2. I forgot to mention that in the original code the date was not indexed, and it was a char… (varchar actually). I also forgot to mention that t_ was actually a complicated inline view that was copy pasted 11 times in the query.
3. And of course, the original did contain group by, to avoid showing the duplicates that other parts of the 18 table join created. Kind of like “distinct”.
In short, my example doesn’t do justice to the headache I went through yesterday. But I still think it is a good example of what not to do unless you are Laurent Schneider.
You get special exception to run whatever you want. If all my developers were that sexy, I’d let them run whatever they wanted too 😉
Chen,
You saved my day !
Actually, in my former CS team I wrote something with max(decode()) KEEP … and after I left, they added some columns and ended up with rewriting with multiple joins. They asked me how to tune it.

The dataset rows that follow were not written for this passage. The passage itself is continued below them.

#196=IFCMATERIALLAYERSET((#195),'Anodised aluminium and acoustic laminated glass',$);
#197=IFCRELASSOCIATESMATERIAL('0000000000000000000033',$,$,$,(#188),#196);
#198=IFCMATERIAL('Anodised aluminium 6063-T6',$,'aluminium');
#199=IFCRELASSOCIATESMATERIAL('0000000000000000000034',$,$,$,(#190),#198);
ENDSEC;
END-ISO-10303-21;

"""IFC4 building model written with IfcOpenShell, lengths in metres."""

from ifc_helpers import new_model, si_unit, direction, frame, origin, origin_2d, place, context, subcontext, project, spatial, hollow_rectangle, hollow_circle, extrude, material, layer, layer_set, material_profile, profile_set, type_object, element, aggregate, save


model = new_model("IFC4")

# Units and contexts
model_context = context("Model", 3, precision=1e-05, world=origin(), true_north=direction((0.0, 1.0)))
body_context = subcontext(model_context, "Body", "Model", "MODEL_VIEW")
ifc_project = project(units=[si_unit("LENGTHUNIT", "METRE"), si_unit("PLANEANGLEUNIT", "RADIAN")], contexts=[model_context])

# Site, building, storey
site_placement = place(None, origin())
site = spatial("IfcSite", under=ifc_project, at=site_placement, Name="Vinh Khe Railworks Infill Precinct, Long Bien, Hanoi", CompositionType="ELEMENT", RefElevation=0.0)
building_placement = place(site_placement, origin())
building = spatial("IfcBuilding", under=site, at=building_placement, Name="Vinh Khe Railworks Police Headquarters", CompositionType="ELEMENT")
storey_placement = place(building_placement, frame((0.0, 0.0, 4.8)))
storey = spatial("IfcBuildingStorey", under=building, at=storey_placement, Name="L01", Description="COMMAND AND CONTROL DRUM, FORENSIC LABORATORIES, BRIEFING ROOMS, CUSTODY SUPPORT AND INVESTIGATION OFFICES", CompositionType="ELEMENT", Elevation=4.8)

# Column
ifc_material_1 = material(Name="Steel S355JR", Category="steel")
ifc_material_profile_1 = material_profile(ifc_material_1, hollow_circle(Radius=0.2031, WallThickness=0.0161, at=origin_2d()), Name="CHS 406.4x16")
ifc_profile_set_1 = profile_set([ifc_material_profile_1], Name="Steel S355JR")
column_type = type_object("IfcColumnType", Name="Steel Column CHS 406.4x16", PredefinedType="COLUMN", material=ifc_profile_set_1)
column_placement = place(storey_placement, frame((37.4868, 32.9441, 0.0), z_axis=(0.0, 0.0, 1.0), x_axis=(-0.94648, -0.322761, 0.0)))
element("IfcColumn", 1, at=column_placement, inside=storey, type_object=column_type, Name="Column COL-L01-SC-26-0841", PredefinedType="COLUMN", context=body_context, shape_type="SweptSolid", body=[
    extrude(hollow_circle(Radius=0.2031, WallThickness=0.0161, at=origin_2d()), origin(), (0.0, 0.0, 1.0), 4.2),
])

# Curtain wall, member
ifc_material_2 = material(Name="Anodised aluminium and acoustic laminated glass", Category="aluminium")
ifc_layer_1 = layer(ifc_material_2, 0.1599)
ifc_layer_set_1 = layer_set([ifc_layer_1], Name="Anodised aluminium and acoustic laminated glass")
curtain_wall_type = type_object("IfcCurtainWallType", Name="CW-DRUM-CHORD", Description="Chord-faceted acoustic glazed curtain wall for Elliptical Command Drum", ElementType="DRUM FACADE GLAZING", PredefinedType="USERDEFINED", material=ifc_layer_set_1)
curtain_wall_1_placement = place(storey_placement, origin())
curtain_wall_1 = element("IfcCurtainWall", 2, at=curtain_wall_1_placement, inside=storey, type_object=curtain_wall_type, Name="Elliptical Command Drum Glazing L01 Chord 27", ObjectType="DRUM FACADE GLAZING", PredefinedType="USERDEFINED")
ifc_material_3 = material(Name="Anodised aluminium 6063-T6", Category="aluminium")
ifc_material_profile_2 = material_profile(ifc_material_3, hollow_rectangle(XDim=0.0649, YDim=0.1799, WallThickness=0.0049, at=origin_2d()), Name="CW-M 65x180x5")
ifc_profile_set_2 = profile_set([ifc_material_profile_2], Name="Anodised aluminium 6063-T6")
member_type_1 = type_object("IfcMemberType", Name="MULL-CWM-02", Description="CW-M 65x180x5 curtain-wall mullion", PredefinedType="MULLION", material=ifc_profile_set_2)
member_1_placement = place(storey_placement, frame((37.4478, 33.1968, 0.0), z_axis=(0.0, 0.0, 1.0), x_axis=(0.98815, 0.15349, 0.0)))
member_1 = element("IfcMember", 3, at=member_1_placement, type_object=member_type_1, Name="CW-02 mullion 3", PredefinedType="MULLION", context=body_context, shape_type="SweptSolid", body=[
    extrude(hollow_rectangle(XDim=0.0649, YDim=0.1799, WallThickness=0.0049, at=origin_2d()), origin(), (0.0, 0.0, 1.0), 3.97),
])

My first tuning hint was : “Removed that stupid GROUP BY clause”. I suggested that if the java guys have a maintainable query which does not look ugly, it is probably as good as a “bullet” query that will be misused next time they add a column.
YMMV
“Never say never, never say always”, Tom always said
right, but I also heard him saying
“never use ‘when others then null;'” (which I agree on), so himself sometimes says never
nice blog by the way
picture on p. 302 is really amazing, indeed !

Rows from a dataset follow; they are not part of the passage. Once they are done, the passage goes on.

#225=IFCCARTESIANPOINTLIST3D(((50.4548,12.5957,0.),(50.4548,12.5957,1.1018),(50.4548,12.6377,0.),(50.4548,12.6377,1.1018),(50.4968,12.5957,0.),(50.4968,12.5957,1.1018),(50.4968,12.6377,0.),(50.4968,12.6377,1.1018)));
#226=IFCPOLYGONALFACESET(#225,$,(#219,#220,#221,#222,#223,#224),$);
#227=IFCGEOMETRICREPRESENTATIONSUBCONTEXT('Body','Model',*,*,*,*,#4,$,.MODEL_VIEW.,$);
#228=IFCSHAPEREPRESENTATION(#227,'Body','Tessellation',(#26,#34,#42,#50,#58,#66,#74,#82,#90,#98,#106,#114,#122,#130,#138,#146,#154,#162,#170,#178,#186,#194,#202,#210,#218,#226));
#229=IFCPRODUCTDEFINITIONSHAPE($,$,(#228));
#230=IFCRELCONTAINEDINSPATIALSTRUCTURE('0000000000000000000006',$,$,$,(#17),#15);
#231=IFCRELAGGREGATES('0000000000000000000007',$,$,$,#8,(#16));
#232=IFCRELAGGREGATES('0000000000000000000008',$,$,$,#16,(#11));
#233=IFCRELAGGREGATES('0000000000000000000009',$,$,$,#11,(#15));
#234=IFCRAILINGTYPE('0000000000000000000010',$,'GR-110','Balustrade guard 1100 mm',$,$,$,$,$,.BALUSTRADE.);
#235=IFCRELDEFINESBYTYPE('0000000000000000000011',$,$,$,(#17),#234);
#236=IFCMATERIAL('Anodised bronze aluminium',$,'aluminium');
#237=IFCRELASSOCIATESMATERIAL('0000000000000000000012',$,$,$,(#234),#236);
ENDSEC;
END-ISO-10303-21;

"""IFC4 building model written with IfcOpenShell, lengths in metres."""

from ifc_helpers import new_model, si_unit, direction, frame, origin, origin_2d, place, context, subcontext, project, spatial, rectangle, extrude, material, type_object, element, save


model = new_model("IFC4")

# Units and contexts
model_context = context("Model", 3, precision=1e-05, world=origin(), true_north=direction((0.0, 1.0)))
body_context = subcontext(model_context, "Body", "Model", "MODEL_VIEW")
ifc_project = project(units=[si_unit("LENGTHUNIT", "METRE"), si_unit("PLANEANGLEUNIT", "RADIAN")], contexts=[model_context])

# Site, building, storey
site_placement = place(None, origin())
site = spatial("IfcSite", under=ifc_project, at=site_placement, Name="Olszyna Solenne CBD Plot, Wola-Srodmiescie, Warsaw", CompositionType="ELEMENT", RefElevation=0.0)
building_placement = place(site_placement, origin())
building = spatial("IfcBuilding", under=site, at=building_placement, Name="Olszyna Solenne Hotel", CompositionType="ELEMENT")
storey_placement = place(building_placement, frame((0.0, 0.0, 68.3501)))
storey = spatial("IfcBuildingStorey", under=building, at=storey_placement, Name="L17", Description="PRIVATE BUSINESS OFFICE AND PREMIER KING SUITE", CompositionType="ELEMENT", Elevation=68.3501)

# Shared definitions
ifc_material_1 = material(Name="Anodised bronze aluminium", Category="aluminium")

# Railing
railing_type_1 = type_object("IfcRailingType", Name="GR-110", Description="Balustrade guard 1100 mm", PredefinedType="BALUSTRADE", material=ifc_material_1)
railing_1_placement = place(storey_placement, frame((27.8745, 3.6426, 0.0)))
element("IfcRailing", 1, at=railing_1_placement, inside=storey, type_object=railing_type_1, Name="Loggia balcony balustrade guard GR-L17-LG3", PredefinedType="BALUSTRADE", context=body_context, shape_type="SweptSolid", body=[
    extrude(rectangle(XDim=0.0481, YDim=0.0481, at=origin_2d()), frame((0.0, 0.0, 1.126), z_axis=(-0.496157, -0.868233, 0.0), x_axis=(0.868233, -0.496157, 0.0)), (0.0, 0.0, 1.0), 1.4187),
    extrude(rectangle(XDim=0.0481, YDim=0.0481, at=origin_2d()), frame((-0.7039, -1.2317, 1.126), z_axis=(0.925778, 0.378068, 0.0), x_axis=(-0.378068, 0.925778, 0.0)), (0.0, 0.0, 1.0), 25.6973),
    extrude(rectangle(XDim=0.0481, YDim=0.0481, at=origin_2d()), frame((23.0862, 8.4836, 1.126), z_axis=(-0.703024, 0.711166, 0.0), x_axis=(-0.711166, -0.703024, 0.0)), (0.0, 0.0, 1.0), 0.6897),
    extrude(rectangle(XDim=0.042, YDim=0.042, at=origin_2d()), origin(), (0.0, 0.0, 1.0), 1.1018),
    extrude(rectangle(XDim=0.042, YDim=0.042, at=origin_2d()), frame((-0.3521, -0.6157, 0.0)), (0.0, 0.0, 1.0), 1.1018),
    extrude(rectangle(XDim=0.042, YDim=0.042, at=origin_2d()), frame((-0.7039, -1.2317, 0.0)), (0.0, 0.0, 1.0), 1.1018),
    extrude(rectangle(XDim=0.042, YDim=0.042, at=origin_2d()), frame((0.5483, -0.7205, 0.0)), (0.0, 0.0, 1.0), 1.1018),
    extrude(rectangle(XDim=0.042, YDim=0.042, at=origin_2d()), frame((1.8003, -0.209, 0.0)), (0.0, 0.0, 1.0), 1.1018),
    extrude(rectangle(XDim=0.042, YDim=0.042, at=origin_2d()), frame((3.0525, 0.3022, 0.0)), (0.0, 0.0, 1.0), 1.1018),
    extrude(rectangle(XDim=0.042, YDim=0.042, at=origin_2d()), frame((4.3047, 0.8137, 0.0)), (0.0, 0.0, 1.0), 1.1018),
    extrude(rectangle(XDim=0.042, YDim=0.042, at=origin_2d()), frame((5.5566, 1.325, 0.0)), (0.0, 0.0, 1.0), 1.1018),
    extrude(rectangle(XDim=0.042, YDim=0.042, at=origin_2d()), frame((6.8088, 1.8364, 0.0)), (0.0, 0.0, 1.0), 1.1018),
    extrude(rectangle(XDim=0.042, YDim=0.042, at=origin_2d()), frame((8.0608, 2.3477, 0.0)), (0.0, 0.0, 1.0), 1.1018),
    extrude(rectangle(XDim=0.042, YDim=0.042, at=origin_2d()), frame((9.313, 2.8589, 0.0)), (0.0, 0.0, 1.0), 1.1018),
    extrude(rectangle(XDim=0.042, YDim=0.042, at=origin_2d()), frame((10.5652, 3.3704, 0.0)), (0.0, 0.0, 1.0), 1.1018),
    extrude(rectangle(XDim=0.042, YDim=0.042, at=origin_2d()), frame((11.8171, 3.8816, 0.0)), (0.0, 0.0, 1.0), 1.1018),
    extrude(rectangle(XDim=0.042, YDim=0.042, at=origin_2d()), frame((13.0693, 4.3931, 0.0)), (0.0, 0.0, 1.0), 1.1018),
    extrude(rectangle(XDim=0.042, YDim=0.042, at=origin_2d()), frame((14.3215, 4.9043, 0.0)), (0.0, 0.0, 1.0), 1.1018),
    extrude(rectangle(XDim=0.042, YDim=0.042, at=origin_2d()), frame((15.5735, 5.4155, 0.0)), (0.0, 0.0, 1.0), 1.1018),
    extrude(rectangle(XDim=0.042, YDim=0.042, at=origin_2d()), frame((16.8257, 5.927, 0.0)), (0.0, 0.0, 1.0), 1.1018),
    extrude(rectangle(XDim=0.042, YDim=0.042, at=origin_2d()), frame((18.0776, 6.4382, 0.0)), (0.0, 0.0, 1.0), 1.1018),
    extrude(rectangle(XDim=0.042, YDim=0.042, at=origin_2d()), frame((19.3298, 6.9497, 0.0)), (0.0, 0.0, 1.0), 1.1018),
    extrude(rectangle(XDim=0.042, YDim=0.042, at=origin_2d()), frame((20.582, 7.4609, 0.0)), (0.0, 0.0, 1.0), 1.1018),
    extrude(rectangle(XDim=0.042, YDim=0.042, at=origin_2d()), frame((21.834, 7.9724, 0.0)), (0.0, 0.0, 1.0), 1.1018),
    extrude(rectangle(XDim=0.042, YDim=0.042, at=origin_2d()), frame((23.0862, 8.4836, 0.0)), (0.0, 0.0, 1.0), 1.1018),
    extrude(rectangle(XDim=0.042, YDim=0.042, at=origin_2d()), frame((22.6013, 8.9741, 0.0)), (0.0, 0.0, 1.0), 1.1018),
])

I’ll admit to using “when others then null” on occasion.
Usually right after “drop table t”.
I wish Oracle had “drop if exists t”, the same way it has “create or replace”.

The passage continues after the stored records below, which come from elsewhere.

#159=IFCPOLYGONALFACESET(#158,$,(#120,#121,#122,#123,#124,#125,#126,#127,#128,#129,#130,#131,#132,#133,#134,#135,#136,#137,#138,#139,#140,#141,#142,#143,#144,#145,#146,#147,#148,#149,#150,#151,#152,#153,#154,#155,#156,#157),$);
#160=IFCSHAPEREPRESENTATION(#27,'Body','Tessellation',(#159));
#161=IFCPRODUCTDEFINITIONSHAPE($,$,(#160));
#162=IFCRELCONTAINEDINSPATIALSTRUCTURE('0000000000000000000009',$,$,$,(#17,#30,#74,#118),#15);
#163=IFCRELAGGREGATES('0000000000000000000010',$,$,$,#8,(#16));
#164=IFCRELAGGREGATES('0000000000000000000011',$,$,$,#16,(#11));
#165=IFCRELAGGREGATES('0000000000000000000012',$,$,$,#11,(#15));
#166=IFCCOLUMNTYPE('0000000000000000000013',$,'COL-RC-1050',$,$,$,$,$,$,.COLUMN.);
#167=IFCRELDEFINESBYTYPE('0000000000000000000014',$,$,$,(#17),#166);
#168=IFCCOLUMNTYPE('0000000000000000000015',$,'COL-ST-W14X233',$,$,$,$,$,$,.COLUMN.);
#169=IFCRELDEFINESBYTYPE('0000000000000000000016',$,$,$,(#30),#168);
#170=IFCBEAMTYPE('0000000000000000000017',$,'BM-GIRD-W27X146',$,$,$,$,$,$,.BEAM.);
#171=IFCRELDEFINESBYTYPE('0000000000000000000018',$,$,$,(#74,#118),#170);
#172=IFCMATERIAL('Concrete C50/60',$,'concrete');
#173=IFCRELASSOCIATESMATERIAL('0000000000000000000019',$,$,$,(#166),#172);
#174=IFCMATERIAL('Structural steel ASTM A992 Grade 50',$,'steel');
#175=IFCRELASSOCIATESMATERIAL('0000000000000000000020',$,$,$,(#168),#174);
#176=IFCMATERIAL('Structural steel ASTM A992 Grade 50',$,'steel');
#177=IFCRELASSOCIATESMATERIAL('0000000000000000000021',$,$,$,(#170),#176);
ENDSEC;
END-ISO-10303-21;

When others then null is really ugly… I told my editor to NOT PUT the code in the book, well, blame me now!!!
Prompt drop TABLE TLS_EXPOSURE_FACTS_TMP;
declare TABLE_NOT_EXISTS exception;pragma exception_init(TABLE_NOT_EXISTS,-942);begin execute immediate '
DROP TABLE TLS_EXPOSURE_FACTS_TMP CASCADE CONSTRAINTS
';exception when TABLE_NOT_EXISTS then null;
end;
/
Thanks for the snippet, dear.
I just thought that declaring a pragma and all is a bit of an overkill if I just want to drop a table!
DDL,
if you just want to drop that table:
DROP TABLE t;
Why bothering about exception?
In case you want to avoid having errors that are safe to ignore in your DBA log files, then trap the right exception. Trapping everything will just hide fatal errors, this is not want you want, dear ! Simply do not do what I wrote in my book and do follow Tom Kyte advice!